Use Cheaper Models for Simple Extractions
Not every extraction needs GPT-4o or Claude Opus. Simpler schemas — flat structures with a few fields and clear enums — extract reliably with smaller models like GPT-4o-mini or Claude Haiku. Reserve the expensive models for complex nested schemas, ambiguous inputs, or multimodal document extraction. Your wallet will thank you.
Cache Extraction Results
If you're extracting from documents that don't change, cache the results keyed by a content hash. There's no reason to call the LLM twice for the same invoice. This alone can reduce LLM costs by 30-60% in pipelines that reprocess documents.
Frequently Asked Questions
What is the difference between Instructor and OpenAI structured outputs?

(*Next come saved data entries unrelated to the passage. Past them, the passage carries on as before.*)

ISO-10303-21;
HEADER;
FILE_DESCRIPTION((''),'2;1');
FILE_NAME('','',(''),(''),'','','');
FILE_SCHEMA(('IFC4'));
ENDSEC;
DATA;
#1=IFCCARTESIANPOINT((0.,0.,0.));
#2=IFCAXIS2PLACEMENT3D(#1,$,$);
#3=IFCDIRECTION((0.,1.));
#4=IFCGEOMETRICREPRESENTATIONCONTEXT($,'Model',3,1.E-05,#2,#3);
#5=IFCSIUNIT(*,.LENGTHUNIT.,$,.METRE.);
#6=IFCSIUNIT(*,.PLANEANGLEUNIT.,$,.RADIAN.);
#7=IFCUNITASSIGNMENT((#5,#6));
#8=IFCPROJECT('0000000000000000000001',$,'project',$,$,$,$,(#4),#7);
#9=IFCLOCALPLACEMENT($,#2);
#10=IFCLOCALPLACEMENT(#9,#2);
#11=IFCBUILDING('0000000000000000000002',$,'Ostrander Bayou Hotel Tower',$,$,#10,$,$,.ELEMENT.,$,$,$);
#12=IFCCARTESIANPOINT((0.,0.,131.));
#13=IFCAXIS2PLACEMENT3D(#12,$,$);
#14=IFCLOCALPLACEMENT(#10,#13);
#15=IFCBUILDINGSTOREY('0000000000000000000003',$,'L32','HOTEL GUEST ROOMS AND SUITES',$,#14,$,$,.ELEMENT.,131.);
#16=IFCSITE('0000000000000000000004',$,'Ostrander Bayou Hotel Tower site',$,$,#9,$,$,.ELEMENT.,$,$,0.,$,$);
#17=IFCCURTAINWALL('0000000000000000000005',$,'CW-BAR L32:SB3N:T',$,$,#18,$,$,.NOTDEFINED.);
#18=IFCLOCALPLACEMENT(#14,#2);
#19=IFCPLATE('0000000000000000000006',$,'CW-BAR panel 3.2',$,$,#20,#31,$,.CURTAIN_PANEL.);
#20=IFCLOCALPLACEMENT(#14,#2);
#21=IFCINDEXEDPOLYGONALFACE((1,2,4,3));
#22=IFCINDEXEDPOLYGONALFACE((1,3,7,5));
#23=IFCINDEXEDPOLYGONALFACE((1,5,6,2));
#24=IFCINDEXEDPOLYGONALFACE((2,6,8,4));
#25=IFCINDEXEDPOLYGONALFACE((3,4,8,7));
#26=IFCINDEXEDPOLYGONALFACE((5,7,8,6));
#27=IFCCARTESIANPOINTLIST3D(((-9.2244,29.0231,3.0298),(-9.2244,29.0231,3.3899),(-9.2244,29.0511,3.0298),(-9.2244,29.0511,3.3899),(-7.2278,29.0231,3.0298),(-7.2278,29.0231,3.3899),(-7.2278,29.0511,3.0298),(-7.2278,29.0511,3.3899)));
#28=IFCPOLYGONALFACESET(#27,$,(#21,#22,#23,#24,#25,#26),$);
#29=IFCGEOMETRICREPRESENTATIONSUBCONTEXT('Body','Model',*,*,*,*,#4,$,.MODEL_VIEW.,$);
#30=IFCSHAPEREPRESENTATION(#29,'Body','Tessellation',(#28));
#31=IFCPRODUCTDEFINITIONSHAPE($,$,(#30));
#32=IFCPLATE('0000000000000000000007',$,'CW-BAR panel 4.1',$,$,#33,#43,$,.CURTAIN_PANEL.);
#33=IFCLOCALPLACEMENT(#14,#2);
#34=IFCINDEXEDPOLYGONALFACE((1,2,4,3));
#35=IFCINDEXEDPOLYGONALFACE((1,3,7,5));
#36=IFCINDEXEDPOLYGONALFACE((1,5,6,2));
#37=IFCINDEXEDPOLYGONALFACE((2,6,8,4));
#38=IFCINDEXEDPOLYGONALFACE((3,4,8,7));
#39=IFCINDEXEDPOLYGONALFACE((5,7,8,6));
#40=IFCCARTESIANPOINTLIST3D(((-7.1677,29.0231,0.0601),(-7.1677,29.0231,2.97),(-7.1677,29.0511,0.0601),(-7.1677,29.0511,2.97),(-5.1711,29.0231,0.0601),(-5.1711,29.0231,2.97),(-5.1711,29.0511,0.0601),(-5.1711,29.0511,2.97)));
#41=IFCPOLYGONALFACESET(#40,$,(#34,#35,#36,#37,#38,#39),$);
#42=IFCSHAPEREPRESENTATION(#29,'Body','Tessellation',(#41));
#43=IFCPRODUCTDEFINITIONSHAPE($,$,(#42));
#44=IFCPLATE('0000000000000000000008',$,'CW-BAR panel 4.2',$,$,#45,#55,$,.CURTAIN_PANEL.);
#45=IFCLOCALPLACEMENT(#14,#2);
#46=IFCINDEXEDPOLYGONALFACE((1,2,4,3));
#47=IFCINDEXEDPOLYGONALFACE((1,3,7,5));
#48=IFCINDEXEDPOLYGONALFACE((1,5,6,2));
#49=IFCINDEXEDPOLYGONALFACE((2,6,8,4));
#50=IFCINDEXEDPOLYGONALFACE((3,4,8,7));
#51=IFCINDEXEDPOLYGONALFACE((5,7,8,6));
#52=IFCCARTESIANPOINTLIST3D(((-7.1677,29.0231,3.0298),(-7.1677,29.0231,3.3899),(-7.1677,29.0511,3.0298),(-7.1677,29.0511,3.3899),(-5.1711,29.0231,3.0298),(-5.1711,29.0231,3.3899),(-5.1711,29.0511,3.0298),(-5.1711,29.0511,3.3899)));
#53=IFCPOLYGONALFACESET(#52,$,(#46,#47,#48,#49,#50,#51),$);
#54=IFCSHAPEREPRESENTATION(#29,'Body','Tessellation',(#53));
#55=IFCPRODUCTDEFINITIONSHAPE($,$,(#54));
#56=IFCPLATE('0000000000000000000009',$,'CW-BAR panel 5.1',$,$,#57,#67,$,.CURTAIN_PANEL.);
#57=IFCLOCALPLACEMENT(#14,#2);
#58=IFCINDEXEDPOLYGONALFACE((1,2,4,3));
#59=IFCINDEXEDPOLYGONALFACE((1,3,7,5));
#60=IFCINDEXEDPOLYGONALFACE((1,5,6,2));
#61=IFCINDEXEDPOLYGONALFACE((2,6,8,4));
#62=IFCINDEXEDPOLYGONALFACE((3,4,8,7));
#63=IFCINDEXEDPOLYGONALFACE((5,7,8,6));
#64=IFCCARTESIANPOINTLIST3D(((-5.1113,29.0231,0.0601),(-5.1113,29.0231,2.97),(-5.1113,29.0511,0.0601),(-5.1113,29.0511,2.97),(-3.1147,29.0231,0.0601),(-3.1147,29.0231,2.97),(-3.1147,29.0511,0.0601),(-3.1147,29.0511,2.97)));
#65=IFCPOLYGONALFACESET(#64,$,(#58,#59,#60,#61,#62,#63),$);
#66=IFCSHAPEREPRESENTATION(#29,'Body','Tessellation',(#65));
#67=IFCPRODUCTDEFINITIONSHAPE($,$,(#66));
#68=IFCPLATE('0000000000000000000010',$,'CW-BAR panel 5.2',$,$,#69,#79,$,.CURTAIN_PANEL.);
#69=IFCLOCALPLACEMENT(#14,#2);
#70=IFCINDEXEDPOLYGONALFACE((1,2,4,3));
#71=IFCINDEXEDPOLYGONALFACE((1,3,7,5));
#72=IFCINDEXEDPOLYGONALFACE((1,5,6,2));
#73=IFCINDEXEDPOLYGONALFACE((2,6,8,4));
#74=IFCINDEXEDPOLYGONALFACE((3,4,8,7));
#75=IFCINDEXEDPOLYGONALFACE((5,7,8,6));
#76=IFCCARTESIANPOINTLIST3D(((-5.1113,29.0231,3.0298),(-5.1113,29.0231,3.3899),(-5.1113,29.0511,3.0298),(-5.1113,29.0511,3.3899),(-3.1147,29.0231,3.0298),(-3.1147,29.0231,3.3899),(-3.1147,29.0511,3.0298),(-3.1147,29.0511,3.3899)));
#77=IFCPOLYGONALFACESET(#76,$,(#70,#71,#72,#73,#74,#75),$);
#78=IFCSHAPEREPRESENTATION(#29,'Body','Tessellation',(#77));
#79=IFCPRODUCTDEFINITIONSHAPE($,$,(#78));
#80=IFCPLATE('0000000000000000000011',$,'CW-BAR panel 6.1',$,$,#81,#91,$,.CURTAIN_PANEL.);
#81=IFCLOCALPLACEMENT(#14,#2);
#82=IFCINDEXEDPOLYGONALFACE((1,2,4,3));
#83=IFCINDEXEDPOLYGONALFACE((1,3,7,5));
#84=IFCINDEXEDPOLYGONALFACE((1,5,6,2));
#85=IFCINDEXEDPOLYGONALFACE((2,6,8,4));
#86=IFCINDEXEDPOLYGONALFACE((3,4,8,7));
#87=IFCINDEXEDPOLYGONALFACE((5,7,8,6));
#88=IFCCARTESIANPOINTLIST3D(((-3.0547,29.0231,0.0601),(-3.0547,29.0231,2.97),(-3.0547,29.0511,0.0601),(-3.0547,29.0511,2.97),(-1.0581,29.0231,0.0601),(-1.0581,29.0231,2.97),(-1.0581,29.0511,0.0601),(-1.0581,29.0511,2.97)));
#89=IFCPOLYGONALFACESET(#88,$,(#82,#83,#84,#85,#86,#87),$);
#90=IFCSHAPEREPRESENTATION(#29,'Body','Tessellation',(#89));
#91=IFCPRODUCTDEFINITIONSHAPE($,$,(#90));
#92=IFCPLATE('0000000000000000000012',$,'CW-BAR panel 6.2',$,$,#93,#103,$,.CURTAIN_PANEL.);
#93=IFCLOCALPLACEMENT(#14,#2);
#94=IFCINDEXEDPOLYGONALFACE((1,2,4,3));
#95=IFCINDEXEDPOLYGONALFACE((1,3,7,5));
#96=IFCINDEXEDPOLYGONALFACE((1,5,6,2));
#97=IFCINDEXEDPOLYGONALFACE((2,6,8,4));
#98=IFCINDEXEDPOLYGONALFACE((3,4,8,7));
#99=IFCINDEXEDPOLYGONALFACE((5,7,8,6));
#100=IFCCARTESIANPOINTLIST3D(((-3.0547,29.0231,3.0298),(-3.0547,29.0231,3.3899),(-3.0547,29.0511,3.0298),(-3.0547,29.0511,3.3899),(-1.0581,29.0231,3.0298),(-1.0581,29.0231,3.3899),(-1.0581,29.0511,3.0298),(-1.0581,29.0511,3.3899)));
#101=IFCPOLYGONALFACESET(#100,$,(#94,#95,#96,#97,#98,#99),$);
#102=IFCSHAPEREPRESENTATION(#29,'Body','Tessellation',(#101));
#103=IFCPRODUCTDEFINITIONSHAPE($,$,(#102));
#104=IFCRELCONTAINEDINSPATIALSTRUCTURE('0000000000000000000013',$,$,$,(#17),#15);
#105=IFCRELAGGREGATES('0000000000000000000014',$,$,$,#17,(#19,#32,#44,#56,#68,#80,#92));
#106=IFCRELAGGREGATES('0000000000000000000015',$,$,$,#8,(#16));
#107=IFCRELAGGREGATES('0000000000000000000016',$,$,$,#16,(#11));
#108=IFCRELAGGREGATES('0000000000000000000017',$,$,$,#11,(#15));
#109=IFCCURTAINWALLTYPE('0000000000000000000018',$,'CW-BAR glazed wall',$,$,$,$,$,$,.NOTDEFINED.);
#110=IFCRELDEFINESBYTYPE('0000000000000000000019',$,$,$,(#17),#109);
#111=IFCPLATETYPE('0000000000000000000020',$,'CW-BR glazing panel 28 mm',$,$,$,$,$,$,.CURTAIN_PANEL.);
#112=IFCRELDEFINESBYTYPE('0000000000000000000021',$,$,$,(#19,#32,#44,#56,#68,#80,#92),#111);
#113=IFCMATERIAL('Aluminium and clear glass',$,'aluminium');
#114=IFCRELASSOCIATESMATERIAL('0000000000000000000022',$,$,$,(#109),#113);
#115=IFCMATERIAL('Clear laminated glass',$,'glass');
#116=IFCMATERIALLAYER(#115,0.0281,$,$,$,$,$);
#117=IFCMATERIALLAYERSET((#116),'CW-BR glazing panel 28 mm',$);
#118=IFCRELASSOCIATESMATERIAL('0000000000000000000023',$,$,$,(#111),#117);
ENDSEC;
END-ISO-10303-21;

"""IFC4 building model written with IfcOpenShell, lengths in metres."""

from ifc_helpers import new_model, si_unit, direction, frame, origin, origin_2d, place, context, subcontext, project, spatial, rectangle, extrude, material, layer, layer_set, type_object, element, aggregate, save


model = new_model("IFC4")

# Units and contexts
model_context = context("Model", 3, precision=1e-05, world=origin(), true_north=direction((0.0, 1.0)))
body_context = subcontext(model_context, "Body", "Model", "MODEL_VIEW")
ifc_project = project(units=[si_unit("LENGTHUNIT", "METRE"), si_unit("PLANEANGLEUNIT", "RADIAN")], contexts=[model_context])

# Site, building, storey
site_placement = place(None, origin())
site = spatial("IfcSite", under=ifc_project, at=site_placement, Name="Ostrander Bayou Hotel Tower site", CompositionType="ELEMENT", RefElevation=0.0)
building_placement = place(site_placement, origin())
building = spatial("IfcBuilding", under=site, at=building_placement, Name="Ostrander Bayou Hotel Tower", CompositionType="ELEMENT")
storey_placement = place(building_placement, frame((0.0, 0.0, 131.0)))
storey = spatial("IfcBuildingStorey", under=building, at=storey_placement, Name="L32", Description="HOTEL GUEST ROOMS AND SUITES", CompositionType="ELEMENT", Elevation=131.0)

# Curtain wall, plates
ifc_material_1 = material(Name="Aluminium and clear glass", Category="aluminium")
curtain_wall_type = type_object("IfcCurtainWallType", Name="CW-BAR glazed wall", PredefinedType="NOTDEFINED", material=ifc_material_1)
curtain_wall_placement = place(storey_placement, origin())
curtain_wall = element("IfcCurtainWall", 1, at=curtain_wall_placement, inside=storey, type_object=curtain_wall_type, Name="CW-BAR L32:SB3N:T", PredefinedType="NOTDEFINED")
ifc_material_2 = material(Name="Clear laminated glass", Category="glass")
ifc_layer = layer(ifc_material_2, 0.0281)
ifc_layer_set = layer_set([ifc_layer], Name="CW-BR glazing panel 28 mm")
plate_type = type_object("IfcPlateType", Name="CW-BR glazing panel 28 mm", PredefinedType="CURTAIN_PANEL", material=ifc_layer_set)
plate_1_placement = place(storey_placement, frame((-8.2261, 29.0371, 3.0298), z_axis=(0.0, 0.0, 1.0), x_axis=(1.0, 0.0, 0.0)))
plate_1 = element("IfcPlate", 2, at=plate_1_placement, type_object=plate_type, Name="CW-BAR panel 3.2", PredefinedType="CURTAIN_PANEL", context=body_context, shape_type="SweptSolid", body=[
    extrude(rectangle(XDim=1.9966, YDim=0.0281, at=origin_2d()), origin(), (0.0, 0.0, 1.0), 0.3601),
])
plate_2_placement = place(storey_placement, frame((-6.1694, 29.0371, 0.0601), z_axis=(0.0, 0.0, 1.0), x_axis=(1.0, 0.0, 0.0)))
plate_2 = element("IfcPlate", 3, at=plate_2_placement, type_object=plate_type, Name="CW-BAR panel 4.1", PredefinedType="CURTAIN_PANEL", context=body_context, shape_type="SweptSolid", body=[
    extrude(rectangle(XDim=1.9966, YDim=0.0281, at=origin_2d()), origin(), (0.0, 0.0, 1.0), 2.9099),
])
plate_3_placement = place(storey_placement, frame((-6.1694, 29.0371, 3.0298), z_axis=(0.0, 0.0, 1.0), x_axis=(1.0, 0.0, 0.0)))
plate_3 = element("IfcPlate", 4, at=plate_3_placement, type_object=plate_type, Name="CW-BAR panel 4.2", PredefinedType="CURTAIN_PANEL", context=body_context, shape_type="SweptSolid", body=[
    extrude(rectangle(XDim=1.9966, YDim=0.0281, at=origin_2d()), origin(), (0.0, 0.0, 1.0), 0.3601),
])
plate_4_placement = place(storey_placement, frame((-4.113, 29.0371, 0.0601), z_axis=(0.0, 0.0, 1.0), x_axis=(1.0, 0.0, 0.0)))
plate_4 = element("IfcPlate", 5, at=plate_4_placement, type_object=plate_type, Name="CW-BAR panel 5.1", PredefinedType="CURTAIN_PANEL", context=body_context, shape_type="SweptSolid", body=[
    extrude(rectangle(XDim=1.9966, YDim=0.0281, at=origin_2d()), origin(), (0.0, 0.0, 1.0), 2.9099),
])
plate_5_placement = place(storey_placement, frame((-4.113, 29.0371, 3.0298), z_axis=(0.0, 0.0, 1.0), x_axis=(1.0, 0.0, 0.0)))
plate_5 = element("IfcPlate", 6, at=plate_5_placement, type_object=plate_type, Name="CW-BAR panel 5.2", PredefinedType="CURTAIN_PANEL", context=body_context, shape_type="SweptSolid", body=[
    extrude(rectangle(XDim=1.9966, YDim=0.0281, at=origin_2d()), origin(), (0.0, 0.0, 1.0), 0.3601),
])
plate_6_placement = place(storey_placement, frame((-2.0564, 29.0371, 0.0601), z_axis=(0.0, 0.0, 1.0), x_axis=(1.0, 0.0, 0.0)))
plate_6 = element("IfcPlate", 7, at=plate_6_placement, type_object=plate_type, Name="CW-BAR panel 6.1", PredefinedType="CURTAIN_PANEL", context=body_context, shape_type="SweptSolid", body=[
    extrude(rectangle(XDim=1.9966, YDim=0.0281, at=origin_2d()), origin(), (0.0, 0.0, 1.0), 2.9099),
])
plate_7_placement = place(storey_placement, frame((-2.0564, 29.0371, 3.0298), z_axis=(0.0, 0.0, 1.0), x_axis=(1.0, 0.0, 0.0)))
plate_7 = element("IfcPlate", 8, at=plate_7_placement, type_object=plate_type, Name="CW-BAR panel 6.2", PredefinedType="CURTAIN_PANEL", context=body_context, shape_type="SweptSolid", body=[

OpenAI structured outputs use constrained decoding to guarantee schema compliance for a single provider. Instructor wraps multiple providers with the same interface and adds automatic validation retries — if the LLM returns data that fails Pydantic validation, Instructor sends the error back and retries. OpenAI's native feature doesn't do this. If you only use OpenAI and never need custom validators, native structured outputs work fine. For multi-provider pipelines or complex validation logic, Instructor is the better choice.
Can Instructor extract data from PDFs and images?
Yes. Any multimodal LLM that Instructor supports — GPT-4o, Claude, Gemini — can process images and documents. You pass the image or PDF as a multimodal message and define a Pydantic schema for the output, exactly as you would for text extraction. For text-based PDFs, extracting the text first with PyMuPDF and passing it as a text message is faster and cheaper than the multimodal path.
How does Instructor handle LLM hallucination in extraction?
It doesn't prevent hallucination outright, but it limits its impact. Pydantic validators catch structurally invalid hallucinations — wrong types, values outside allowed ranges, enum violations. For semantic hallucinations (where the LLM invents a plausible but incorrect value), you need domain-specific post-processing: cross-referencing extracted values against a database, flagging low-confidence extractions for human review, or running a second LLM call to verify critical fields.
Is Instructor suitable for high-volume production workloads?
Absolutely. Instructor adds minimal overhead on top of the LLM API call — the validation and retry logic is local Python execution, measured in milliseconds. The bottleneck is always the LLM API latency and rate limits, not Instructor itself. For high-volume workloads, use async clients with concurrency limits, batch processing, and result caching as described in this guide. Organizations process millions of extractions per month with Instructor in production.
Should I use Instructor or PydanticAI for my project?
If your task is pure extraction — unstructured text in, structured data out — use Instructor. If you need an agent that calls external tools, maintains conversation state, or makes multi-step decisions, use PydanticAI. Many production systems use both: Instructor for the extraction stages and PydanticAI for the agentic stages. Your Pydantic models work identically in both libraries, so there's no migration cost if your needs evolve.